STPLQT computes a blocked LQ factorization of a real


 'triangular-pentagonal' matrix C, which is composed of a


 triangular block A and pentagonal block B, using the compact


 WY representation for Q.

M

          M is INTEGER


          The number of rows of the matrix B, and the order of the


          triangular matrix A.


          M >= 0.

N

          N is INTEGER


          The number of columns of the matrix B.


          N >= 0.

L

          L is INTEGER


          The number of rows of the lower trapezoidal part of B.


          MIN(M,N) >= L >= 0.  See Further Details.

MB

          MB is INTEGER


          The block size to be used in the blocked QR.  M >= MB >= 1.

A

          A is REAL array, dimension (LDA,N)
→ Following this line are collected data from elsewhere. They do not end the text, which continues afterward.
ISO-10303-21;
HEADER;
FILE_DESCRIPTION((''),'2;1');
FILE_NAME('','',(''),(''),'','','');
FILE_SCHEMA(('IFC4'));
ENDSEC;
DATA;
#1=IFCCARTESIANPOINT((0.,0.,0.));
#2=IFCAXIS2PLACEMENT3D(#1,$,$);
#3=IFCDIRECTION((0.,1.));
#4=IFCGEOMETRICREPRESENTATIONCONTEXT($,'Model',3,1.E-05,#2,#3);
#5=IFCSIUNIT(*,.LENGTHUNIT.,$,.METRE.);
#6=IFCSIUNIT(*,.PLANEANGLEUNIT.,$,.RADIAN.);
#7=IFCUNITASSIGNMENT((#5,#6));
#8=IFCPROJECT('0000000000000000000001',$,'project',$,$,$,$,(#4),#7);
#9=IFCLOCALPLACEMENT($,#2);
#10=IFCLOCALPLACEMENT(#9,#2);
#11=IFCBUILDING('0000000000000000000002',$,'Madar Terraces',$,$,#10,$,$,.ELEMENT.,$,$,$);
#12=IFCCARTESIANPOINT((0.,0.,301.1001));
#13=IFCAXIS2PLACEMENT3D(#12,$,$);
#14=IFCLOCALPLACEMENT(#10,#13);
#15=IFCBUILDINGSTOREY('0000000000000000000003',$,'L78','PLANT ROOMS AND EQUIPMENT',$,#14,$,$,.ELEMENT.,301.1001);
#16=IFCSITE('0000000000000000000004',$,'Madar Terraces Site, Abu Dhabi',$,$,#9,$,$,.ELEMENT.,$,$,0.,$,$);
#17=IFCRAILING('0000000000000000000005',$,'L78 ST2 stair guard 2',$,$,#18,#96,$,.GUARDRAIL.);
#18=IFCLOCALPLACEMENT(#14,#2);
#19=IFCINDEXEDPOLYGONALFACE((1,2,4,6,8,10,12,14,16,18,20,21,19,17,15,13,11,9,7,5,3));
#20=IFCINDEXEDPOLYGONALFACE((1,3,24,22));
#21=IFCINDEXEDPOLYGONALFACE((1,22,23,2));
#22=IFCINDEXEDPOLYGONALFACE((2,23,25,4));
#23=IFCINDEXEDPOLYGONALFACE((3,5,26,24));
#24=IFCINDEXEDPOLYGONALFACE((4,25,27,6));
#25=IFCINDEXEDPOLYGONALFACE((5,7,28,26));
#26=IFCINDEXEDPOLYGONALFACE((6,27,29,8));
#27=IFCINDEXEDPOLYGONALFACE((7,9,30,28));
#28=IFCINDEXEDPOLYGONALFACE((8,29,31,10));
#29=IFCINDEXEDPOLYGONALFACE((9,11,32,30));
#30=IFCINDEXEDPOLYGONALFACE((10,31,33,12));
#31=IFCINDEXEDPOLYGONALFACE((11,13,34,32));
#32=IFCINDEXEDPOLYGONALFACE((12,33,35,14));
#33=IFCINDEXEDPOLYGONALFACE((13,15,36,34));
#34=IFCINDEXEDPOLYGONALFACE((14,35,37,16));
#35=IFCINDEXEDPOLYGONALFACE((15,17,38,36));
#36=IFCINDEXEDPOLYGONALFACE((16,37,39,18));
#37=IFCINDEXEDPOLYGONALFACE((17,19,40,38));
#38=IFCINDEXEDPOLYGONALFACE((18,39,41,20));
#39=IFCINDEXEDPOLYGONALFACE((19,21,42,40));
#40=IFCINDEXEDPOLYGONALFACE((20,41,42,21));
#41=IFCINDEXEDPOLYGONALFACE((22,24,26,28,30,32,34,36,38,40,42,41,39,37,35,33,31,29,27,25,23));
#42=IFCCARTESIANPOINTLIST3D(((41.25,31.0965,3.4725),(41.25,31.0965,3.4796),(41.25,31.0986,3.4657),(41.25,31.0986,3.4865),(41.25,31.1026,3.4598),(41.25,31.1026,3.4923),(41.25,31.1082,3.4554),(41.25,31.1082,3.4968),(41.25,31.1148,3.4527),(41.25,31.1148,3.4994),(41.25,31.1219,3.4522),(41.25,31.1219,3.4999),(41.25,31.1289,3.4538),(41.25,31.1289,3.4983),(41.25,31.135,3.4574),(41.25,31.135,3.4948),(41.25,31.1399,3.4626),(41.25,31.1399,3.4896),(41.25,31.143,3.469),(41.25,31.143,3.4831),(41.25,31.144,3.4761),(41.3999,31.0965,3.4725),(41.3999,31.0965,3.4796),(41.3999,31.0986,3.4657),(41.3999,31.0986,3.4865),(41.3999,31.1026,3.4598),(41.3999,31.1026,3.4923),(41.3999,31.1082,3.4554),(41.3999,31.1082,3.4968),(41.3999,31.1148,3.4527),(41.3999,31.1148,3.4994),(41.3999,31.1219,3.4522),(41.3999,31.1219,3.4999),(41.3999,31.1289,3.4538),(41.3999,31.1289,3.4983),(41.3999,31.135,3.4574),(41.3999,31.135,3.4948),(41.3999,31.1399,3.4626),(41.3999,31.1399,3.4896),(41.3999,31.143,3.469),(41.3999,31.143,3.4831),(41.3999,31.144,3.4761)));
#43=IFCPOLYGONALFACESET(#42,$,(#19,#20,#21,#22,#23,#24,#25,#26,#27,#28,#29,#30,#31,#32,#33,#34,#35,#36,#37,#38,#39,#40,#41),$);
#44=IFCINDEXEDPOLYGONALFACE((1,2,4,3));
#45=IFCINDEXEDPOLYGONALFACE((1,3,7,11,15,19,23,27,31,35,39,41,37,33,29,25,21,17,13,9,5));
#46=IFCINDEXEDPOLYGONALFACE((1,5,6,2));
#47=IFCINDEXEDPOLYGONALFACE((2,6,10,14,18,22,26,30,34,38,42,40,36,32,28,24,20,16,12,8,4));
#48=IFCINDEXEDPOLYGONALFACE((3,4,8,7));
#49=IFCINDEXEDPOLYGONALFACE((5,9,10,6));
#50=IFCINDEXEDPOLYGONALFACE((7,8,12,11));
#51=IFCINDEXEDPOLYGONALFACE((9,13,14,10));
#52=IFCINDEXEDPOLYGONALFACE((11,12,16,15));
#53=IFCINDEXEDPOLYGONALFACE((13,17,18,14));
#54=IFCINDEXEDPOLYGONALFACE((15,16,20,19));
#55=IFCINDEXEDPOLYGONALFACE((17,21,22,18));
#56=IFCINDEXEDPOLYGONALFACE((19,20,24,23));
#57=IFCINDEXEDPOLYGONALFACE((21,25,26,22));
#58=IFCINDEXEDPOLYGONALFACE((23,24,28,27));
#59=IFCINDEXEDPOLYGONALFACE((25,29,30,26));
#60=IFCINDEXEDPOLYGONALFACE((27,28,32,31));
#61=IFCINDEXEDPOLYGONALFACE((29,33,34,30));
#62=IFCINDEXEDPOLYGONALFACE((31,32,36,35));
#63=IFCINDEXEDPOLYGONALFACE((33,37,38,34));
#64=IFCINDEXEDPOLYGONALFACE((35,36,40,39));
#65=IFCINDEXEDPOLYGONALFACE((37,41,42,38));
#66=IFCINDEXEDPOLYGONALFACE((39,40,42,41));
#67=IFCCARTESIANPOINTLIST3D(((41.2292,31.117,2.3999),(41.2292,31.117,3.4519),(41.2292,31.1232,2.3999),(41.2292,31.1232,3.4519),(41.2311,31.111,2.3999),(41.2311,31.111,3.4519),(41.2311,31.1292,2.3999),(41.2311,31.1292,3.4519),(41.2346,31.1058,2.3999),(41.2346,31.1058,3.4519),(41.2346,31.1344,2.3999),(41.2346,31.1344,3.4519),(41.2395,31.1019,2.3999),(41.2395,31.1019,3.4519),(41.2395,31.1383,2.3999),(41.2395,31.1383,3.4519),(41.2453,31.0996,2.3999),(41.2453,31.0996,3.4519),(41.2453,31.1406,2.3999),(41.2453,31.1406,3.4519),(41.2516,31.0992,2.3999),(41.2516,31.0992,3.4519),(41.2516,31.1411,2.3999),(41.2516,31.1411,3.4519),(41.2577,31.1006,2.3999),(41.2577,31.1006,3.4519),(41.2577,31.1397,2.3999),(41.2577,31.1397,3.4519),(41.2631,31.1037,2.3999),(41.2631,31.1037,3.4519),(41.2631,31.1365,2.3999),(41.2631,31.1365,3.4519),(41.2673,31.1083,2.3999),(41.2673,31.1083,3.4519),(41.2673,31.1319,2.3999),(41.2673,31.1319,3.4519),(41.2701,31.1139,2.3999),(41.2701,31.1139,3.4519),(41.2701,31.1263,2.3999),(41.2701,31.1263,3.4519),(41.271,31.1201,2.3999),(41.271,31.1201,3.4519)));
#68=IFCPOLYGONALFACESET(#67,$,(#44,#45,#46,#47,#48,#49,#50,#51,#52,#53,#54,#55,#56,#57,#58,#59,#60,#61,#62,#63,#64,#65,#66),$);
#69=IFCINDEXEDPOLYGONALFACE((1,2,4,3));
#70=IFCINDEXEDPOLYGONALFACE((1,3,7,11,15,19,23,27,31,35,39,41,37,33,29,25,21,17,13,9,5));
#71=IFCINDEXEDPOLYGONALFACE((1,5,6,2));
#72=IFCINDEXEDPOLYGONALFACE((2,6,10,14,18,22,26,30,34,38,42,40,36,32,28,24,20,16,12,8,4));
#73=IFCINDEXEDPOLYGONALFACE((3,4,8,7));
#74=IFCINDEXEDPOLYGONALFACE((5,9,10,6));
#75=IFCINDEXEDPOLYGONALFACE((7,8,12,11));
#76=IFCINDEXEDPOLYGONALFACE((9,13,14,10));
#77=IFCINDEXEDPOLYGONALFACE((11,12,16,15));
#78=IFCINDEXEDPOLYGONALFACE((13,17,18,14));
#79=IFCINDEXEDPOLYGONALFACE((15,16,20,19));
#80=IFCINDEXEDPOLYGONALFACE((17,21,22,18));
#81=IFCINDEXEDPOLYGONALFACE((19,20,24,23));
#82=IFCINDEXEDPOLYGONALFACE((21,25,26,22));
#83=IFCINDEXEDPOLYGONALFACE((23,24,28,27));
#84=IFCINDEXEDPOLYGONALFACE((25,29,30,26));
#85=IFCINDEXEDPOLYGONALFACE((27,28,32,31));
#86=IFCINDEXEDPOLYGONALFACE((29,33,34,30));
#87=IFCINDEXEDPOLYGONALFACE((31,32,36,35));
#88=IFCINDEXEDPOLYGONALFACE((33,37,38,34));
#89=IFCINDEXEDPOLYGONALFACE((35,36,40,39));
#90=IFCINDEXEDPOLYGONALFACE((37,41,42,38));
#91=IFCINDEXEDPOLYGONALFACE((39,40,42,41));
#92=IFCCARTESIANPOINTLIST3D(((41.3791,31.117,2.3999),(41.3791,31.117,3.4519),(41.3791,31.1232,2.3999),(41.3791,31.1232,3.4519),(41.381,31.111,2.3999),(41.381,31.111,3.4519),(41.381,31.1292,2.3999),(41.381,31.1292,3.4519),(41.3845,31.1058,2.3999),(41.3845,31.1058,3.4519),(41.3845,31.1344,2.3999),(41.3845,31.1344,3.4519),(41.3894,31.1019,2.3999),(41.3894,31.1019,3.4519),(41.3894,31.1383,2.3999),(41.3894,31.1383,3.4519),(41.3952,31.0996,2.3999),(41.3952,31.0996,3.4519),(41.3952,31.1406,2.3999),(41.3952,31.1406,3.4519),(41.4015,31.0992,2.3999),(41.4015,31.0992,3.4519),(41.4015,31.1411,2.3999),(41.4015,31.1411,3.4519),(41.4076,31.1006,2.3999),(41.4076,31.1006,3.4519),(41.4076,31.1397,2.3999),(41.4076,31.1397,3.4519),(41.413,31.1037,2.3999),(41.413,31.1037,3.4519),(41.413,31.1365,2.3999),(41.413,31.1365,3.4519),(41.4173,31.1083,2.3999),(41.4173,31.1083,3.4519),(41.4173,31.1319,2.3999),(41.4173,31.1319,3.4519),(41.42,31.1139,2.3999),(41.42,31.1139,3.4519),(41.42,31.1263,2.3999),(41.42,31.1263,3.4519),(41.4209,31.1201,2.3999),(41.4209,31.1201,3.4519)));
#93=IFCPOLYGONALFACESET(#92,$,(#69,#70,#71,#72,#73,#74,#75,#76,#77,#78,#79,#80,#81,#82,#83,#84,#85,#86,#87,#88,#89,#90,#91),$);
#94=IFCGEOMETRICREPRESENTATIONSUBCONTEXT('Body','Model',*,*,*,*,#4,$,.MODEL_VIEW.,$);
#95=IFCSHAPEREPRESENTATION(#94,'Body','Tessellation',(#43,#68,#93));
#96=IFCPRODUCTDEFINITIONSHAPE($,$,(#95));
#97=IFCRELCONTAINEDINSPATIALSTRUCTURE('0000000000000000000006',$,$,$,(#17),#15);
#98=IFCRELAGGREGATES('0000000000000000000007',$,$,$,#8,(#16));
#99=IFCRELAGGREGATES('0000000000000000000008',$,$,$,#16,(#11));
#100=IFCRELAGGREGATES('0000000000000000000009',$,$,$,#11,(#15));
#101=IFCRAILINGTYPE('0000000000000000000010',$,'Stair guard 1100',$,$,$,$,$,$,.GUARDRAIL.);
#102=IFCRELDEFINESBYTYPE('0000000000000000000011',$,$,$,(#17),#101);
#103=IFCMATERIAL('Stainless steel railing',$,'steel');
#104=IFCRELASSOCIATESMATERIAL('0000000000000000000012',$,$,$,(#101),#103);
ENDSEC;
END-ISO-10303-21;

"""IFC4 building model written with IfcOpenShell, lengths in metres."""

from ifc_helpers import new_model, si_unit, direction, frame, origin, origin_2d, place, context, subcontext, project, spatial, circle, extrude, material, type_object, element, save


model = new_model("IFC4")

# Units and contexts
model_context = context("Model", 3, precision=1e-05, world=origin(), true_north=direction((0.0, 1.0)))
body_context = subcontext(model_context, "Body", "Model", "MODEL_VIEW")
ifc_project = project(units=[si_unit("LENGTHUNIT", "METRE"), si_unit("PLANEANGLEUNIT", "RADIAN")], contexts=[model_context])

# Site, building, storey
site_placement = place(None, origin())
site = spatial("IfcSite", under=ifc_project, at=site_placement, Name="Madar Terraces Site, Abu Dhabi", CompositionType="ELEMENT", RefElevation=0.0)
building_placement = place(site_placement, origin())
building = spatial("IfcBuilding", under=site, at=building_placement, Name="Madar Terraces", CompositionType="ELEMENT")
storey_placement = place(building_placement, frame((0.0, 0.0, 301.1001)))
storey = spatial("IfcBuildingStorey", under=building, at=storey_placement, Name="L78", Description="PLANT ROOMS AND EQUIPMENT", CompositionType="ELEMENT", Elevation=301.1001)

# Railing
ifc_material_1 = material(Name="Stainless steel railing", Category="steel")
railing_type_1 = type_object("IfcRailingType", Name="Stair guard 1100", PredefinedType="GUARDRAIL", material=ifc_material_1)
railing_1_placement = place(storey_placement, frame((41.25, 31.1201, 2.3999)))
element("IfcRailing", 1, at=railing_1_placement, inside=storey, type_object=railing_type_1, Name="L78 ST2 stair guard 2", PredefinedType="GUARDRAIL", context=body_context, shape_type="SweptSolid", body=[
    extrude(circle(Radius=0.0239, at=origin_2d()), frame((0.0, 0.0, 1.0762), z_axis=(1.0, 0.0, 0.0), x_axis=(0.0, 1.0, 0.0)), (0.0, 0.0, 1.0), 0.1499),
    extrude(circle(Radius=0.021, at=origin_2d()), origin(), (0.0, 0.0, 1.0), 1.052),
    extrude(circle(Radius=0.021, at=origin_2d()), frame((0.1499, 0.0, 0.0)), (0.0, 0.0, 1.0), 1.052),
])

save(model, "model.ifc")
          On entry, the lower triangular N-by-N matrix A.


          On exit, the elements on and below the diagonal of the array


          contain the lower triangular matrix L.

LDA

          LDA is INTEGER


          The leading dimension of the array A.  LDA >= max(1,N).

B

          B is REAL array, dimension (LDB,N)


          On entry, the pentagonal M-by-N matrix B.  The first N-L columns


          are rectangular, and the last L columns are lower trapezoidal.


          On exit, B contains the pentagonal matrix V.  See Further Details.

LDB

          LDB is INTEGER


          The leading dimension of the array B.  LDB >= max(1,M).

T

          T is REAL array, dimension (LDT,N)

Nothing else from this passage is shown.